Auditora do trabalho vê necessidade de maior fiscalização de atividades historicamente ligadas ao gênero feminino, como trabalhos domésticos, de cuidado e no mercado do sexo.
Foto: Marcos Serra Lima/ G1
Nascidas no Norte ou no Nordeste, pretas ou pardas, analfabetas ou com o ensino básico incompleto. Esse é o perfil da maioria das 2.488 mulheres resgatadas do trabalho análogo à escravidão durante os últimos 20 anos no país.
Os dados são inéditos e foram compilados a pedido do g1 pela Divisão de Fiscalização para Erradicação do Trabalho Escravo (Detrae), órgão que integra o Ministério do Trabalho e Previdência (MTP).
Mulheres corresponderam a apenas 5% do total de pessoas resgatadas em duas décadas. Segundo a auditora-fiscal do trabalho Jamile Virginio, que integra o Detrae, essa diferença se dá, em parte, porque a atuação do Detrae sobre atividades historicamente ligadas ao gênero feminino é recente.
“Foi somente em 2017 e 2019 que ocorreram os primeiros resgates no trabalho doméstico e no mercado do sexo“.
Veja abaixo os principais dados do levantamento:
De onde vieram e para onde foram
A região que concentrou o maior número de casos foi o Sudeste, enquanto a maior parte das vítimas era natural de estados do Norte ou do Nordeste. Os estados que concentraram mais de 80% dos resgates são:
- Pará (428)
- Minas Gerais (401)
- Bahia (278)
- São Paulo (271)
- Maranhão (238)
- Tocantins (166)
- Goiás (123)
- Rio de Janeiro (101)
Idade, raça e escolaridade
O Detrae também compilou dados sobre as atividades desenvolvidas pelas resgatadas e as funções desempenhadas na zona rural são as que mais concentram casos. Mais de 70% dos casos são relacionados às seguintes ocupações:
- Agropecuária (1.234)
- Cultivo de café (175)
- Cultivo de cana-de-açúcar (138)
- Pecuária de corte (118)
- Cultivo de árvores frutíferas (18)
- Cultivo de erva-mate (15)
Jamile conta que a diferença numérica nos resgates de homens e mulheres é tema frequentemente discutido entre inspetores do trabalho. Ela aponta que papeis sociais tradicionalmente ligados a homens e mulheres podem ajudar a entender o cenário.
“A dinâmica da sociedade brasileira é essencialmente de cunho patriarcal, que enxerga o homem como provedor familiar e cobra para que busque alternativas de renda e emprego”, diz a fiscal.

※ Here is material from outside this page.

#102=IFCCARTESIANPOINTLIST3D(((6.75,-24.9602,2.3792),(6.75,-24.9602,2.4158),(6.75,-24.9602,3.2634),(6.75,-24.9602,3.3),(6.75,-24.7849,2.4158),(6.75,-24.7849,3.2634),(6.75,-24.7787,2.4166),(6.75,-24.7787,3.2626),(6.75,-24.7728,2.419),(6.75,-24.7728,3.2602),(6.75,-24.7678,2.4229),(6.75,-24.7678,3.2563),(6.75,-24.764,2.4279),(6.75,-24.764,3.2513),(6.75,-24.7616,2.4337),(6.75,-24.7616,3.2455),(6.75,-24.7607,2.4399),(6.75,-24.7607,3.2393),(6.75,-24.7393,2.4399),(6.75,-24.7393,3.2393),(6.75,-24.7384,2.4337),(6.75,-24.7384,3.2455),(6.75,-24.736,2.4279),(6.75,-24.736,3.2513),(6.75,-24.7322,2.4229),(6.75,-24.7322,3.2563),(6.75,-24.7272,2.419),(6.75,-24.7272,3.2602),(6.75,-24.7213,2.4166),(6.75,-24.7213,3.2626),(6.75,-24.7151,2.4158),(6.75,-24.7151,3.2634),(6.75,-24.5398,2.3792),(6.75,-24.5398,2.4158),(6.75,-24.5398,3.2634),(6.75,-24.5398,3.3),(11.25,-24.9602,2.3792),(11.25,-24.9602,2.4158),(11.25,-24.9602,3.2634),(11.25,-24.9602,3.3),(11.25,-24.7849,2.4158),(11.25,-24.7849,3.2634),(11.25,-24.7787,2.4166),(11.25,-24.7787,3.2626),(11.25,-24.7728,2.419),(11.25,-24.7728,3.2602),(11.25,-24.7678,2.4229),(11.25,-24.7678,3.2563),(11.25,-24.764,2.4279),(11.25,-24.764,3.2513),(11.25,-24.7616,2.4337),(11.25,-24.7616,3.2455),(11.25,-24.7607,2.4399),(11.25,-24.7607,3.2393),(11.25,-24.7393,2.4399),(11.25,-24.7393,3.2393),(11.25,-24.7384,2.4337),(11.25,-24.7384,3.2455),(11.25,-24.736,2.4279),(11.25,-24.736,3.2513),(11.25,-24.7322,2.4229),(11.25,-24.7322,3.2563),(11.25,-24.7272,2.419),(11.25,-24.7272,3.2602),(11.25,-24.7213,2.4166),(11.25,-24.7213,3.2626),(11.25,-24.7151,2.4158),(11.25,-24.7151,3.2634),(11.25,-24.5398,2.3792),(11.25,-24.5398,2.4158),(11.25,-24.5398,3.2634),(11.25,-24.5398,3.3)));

Para ela, essa dinâmica torna comuns os processos migratórios em busca de trabalho. “A condição de migrante é causa de vulnerabilidade frequentemente associada à exploração em condições análogas à escravidão.”
“Enquanto os homens saem dos municípios de origem atrás de promessas de ganhos melhores, as mulheres permanecem nestes mesmos municípios para a manutenção dos cuidados domésticos e familiares.”
A auditora ressalta outro ponto como explicação para os números. “O trabalho doméstico não remunerado e os cuidados com os familiares recaem de forma desproporcional sobre as mulheres, limitando seu potencial econômico.”
Outro fator citado por ela é geográfico. “O foco, durante muitos anos, foi em atividades realizadas na zona rural, atividades preponderantemente masculinas”.
As violações começaram a ser identificadas no ambiente urbano só a partir de 2022, em áreas como construção civil e confecção de roupas.
Mesmo diante desse contexto, a fiscal do trabalho aponta que são necessárias medidas para aumentar o número de resgates de mulheres. “O primeiro passo é reconhecer que as atividades frequentemente desempenhadas por elas necessitam de um olhar mais atento de nossa parte.”
Como os dados foram obtidos
As políticas públicas de combate ao trabalho escravo se iniciaram em 1995, mas só a partir de 2003 é que informações sobre o perfil das vítimas começaram a ser coletadas.
A mudança se deu após a criação do Seguro-Desemprego Trabalhador Resgatado, estabelecido em 2002 para amparar vítimas de regimes forçados ou em condições análogas à de escravo.
Para receber o benefício, as trabalhadoras forneceram informações pessoais e, desta maneira, os dados passaram a ser compilados pelo Ministério do Trabalho e Emprego (MTE).